How to build the Greedy Algorithm ?
we have $a_1,a_2,…,a_n$ in set S.
Every element should belongs to either A or B but not both. So, our solution will have $’n’$ steps where in each step, we’ll place one element into either A or B.
Given that, at step i, $a_i$ chosen,
that means, on step 1, $a_1$ will be placed to either A or B, on step 2, $a_2$ will be placed to either A or B etc
Algorithm like :
put $a_1$ into A
for i=2 to n
add $a_i$ in A if Adding it in A makes |(Sum of elements of A + $a_i$) – Sum of elements of B| smaller than |Sum of elements of A – ( Sum of elements of B + $a_i$ )|, else add it in B.
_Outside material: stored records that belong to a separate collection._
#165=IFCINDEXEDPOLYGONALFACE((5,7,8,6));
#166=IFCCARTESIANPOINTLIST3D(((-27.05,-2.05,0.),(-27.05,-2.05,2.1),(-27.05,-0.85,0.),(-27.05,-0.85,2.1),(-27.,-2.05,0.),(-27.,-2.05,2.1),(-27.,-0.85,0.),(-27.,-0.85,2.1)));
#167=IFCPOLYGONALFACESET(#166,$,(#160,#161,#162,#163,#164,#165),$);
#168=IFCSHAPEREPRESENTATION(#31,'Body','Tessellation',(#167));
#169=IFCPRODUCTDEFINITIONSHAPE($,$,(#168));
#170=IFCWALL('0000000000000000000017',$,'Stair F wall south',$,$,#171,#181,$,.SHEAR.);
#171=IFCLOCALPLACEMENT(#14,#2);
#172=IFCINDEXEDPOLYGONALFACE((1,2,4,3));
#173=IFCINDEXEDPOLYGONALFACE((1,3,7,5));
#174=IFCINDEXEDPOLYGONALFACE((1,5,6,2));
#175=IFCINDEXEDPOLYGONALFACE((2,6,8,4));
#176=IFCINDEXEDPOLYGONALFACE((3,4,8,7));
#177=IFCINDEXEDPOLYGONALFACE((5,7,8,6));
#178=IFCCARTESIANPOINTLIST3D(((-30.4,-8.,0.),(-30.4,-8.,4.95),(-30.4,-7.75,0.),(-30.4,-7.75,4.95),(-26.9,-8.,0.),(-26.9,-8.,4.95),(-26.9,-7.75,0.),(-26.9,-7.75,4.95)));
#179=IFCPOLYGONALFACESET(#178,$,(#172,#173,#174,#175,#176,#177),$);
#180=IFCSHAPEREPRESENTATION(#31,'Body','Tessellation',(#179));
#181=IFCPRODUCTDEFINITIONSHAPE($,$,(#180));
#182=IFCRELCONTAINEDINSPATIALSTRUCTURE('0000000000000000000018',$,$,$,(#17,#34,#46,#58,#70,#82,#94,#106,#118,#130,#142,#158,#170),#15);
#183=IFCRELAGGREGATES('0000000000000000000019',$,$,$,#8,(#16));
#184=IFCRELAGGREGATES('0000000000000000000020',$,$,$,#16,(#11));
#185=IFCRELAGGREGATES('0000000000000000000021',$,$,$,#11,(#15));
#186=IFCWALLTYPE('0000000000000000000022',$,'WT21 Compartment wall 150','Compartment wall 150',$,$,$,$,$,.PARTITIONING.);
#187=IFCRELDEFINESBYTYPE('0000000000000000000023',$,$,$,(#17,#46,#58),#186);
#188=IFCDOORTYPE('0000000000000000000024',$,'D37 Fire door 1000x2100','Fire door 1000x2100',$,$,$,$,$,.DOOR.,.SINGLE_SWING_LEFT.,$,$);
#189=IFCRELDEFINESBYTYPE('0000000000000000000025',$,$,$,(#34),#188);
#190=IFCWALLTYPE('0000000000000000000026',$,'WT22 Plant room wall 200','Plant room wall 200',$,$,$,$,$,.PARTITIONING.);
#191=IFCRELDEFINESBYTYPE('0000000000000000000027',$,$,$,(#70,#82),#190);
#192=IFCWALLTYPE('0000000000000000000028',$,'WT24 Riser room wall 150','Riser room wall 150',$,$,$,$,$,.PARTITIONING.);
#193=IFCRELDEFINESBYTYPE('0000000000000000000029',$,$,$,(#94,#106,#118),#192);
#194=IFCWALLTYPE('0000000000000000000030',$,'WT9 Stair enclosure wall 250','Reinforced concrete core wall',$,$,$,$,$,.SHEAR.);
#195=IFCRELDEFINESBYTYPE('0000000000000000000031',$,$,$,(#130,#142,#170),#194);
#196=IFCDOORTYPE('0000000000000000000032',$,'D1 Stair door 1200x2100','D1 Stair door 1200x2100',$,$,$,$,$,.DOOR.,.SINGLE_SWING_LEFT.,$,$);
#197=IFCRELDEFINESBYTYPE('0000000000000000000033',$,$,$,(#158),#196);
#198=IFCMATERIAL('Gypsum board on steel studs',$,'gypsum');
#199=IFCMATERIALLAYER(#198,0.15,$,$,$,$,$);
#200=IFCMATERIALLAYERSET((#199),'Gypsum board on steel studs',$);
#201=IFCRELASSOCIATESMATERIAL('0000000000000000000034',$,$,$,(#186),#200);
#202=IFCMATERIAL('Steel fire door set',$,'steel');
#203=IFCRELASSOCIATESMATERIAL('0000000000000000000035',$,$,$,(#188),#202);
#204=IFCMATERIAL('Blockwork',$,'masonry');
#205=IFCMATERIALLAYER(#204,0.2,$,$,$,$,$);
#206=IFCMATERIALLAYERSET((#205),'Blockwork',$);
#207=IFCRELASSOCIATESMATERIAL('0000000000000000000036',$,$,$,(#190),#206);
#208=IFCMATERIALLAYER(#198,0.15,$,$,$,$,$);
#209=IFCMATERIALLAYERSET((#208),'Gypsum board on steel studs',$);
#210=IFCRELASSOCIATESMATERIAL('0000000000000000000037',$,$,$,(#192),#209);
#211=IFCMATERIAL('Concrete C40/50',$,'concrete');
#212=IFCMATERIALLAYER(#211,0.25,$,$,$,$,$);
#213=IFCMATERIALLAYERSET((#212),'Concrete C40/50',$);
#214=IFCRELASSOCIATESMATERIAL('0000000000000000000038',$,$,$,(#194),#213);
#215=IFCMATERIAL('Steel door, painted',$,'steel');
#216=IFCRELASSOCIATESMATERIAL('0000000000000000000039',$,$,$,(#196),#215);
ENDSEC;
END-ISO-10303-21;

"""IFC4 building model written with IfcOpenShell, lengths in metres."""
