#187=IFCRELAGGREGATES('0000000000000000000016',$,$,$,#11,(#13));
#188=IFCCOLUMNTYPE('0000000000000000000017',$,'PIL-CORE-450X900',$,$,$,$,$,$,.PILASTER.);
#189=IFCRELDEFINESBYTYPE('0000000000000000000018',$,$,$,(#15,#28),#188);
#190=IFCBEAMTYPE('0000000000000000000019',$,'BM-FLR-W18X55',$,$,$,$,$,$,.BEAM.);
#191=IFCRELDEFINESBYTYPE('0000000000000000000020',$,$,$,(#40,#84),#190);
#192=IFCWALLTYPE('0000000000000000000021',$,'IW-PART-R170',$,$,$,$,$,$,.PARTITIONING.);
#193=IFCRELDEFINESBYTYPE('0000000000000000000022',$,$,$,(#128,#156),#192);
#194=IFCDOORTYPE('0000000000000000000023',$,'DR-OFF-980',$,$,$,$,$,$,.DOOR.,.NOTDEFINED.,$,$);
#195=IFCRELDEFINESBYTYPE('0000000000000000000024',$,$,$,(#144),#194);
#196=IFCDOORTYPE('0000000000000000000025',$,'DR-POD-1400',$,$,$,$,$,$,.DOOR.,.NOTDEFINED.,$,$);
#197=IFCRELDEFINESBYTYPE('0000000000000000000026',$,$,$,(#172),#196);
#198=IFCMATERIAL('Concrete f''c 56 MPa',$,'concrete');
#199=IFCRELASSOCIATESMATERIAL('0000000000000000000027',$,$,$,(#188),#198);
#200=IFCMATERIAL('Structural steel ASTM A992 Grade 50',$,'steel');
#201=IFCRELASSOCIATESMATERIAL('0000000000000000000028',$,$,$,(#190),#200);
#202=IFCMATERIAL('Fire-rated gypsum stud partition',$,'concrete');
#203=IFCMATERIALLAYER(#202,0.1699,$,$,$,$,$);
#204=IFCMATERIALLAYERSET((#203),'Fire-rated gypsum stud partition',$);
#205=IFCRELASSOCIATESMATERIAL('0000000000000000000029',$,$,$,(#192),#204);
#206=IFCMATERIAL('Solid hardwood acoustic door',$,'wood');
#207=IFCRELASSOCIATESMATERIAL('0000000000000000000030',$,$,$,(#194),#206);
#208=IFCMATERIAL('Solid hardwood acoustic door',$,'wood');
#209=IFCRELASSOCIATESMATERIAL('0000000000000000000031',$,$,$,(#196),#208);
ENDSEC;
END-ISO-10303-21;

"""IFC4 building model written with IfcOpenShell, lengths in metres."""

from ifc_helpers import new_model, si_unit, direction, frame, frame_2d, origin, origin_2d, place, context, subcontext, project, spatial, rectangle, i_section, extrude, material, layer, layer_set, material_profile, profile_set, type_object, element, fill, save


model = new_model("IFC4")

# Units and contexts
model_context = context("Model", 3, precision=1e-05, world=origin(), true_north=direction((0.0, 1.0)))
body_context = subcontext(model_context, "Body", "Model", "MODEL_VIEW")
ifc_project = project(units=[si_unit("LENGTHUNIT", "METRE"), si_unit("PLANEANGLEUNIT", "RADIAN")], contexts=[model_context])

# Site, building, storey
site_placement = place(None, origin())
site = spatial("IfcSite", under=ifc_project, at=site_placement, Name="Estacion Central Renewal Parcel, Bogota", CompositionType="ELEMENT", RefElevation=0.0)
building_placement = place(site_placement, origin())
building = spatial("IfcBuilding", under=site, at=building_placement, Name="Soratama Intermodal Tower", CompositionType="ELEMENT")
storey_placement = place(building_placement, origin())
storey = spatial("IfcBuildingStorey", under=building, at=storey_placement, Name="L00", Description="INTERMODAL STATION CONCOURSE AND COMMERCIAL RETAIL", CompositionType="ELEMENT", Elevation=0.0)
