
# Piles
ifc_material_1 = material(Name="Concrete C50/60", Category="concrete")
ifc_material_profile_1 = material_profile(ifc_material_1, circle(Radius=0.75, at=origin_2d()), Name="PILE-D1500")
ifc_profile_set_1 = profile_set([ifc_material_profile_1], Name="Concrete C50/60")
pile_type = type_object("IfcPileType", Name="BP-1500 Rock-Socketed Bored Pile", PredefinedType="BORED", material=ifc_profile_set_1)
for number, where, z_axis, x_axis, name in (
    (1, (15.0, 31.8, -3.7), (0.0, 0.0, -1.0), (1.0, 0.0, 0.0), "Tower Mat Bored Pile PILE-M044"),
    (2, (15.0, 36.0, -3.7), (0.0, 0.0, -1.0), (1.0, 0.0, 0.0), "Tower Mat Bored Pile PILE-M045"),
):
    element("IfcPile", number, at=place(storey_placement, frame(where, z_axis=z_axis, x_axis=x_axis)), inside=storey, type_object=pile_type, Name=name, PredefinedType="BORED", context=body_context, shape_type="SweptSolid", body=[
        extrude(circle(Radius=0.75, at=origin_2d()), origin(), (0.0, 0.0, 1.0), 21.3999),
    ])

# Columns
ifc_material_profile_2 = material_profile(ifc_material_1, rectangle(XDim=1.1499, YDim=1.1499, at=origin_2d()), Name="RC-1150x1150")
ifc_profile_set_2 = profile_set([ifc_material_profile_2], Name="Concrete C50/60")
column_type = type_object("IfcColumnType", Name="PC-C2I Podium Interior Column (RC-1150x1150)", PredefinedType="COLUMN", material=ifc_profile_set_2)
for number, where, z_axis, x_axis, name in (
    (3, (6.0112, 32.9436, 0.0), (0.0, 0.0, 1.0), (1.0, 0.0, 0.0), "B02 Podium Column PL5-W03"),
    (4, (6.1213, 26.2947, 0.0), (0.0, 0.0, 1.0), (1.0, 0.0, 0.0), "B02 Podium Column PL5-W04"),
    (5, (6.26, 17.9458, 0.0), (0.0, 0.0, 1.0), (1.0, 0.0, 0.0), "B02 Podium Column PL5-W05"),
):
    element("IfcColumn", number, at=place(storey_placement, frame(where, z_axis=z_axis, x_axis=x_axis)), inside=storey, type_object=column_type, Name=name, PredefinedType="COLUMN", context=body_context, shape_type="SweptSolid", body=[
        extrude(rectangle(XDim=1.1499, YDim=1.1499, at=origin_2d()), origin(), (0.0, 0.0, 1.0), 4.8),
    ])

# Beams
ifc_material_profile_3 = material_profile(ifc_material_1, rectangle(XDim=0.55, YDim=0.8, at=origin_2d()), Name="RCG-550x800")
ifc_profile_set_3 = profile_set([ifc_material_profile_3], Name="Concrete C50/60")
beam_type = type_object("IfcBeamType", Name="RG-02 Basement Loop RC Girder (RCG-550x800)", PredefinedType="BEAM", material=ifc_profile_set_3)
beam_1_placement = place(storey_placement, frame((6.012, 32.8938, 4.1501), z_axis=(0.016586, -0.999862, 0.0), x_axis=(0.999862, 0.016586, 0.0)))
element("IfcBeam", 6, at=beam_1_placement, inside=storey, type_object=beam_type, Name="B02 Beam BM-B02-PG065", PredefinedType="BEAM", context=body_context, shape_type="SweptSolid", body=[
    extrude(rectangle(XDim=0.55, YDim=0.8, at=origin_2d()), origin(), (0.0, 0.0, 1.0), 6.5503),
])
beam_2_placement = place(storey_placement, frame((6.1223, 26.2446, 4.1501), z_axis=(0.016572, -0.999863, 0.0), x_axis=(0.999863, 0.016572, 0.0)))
- let S = {18, 10,10,5, 2}, Our greedy algorithm work like :
step 1 : add $a_1=18$ into A. ==> A={18}, B= ∅ :: sum difference = 18
step 2 : add $a_2=10$ into B. ==> A={18}, B={10} :: sum difference = 8
step 3 : add $a_3=10$ into B. ==> A={18}, B={10,10} :: sum difference = 2
step 4 : add $a_4=5$ into B. ==> A={18,5}, B={10,10} :: sum difference = 3
step 5 : add $a_5=2$ into B. ==> A={18,5}, B={10,10,2} :: sum difference = 1
- let S = {30, 10,10,5, 2} Our greedy algorithm work like :
step 1 : add $a_1=30$ into A. ==> A={30}, B= ∅ :: sum difference = 30
step 2 : add $a_2=10$ into B. ==> A={30}, B={10} :: sum difference = 20
step 3 : add $a_3=10$ into B. ==> A={30}, B={10,10} :: sum difference = 10
step 4 : add $a_4=5$ into B. ==> A={30}, B={10,10,5} :: sum difference = 5
step 5 : add $a_5=2$ into B. ==> A={30}, B={10,10,5,2} :: sum difference = 3
But if you observe this, first element goes to A then second element should be goes to B
what if i encounter a sequence where $a_1+a_2$ equal to rest of the elements ? then surely our greedy algorithm fails
- let S = {15, 15,10,10, 10}, Our greedy algorithm work like :
step 1 : add $a_1=15$ into A. ==> A={15}, B= ∅ :: sum difference = 15
step 2 : add $a_2=15$ into B. ==> A={15}, B={15} :: sum difference = 0
step 3 : add $a_3=10$ into B. ==> A={15,10}, B={15} :: sum difference = 10
step 4 : add $a_4=10$ into B. ==> A={15,10}, B={15,10} :: sum difference = 0
step 5 : add $a_5=10$ into B. ==> A={15,10,10}, B={15,10} :: sum difference = 10
But we have A={15,15}, B={10,10,10} which is optimal.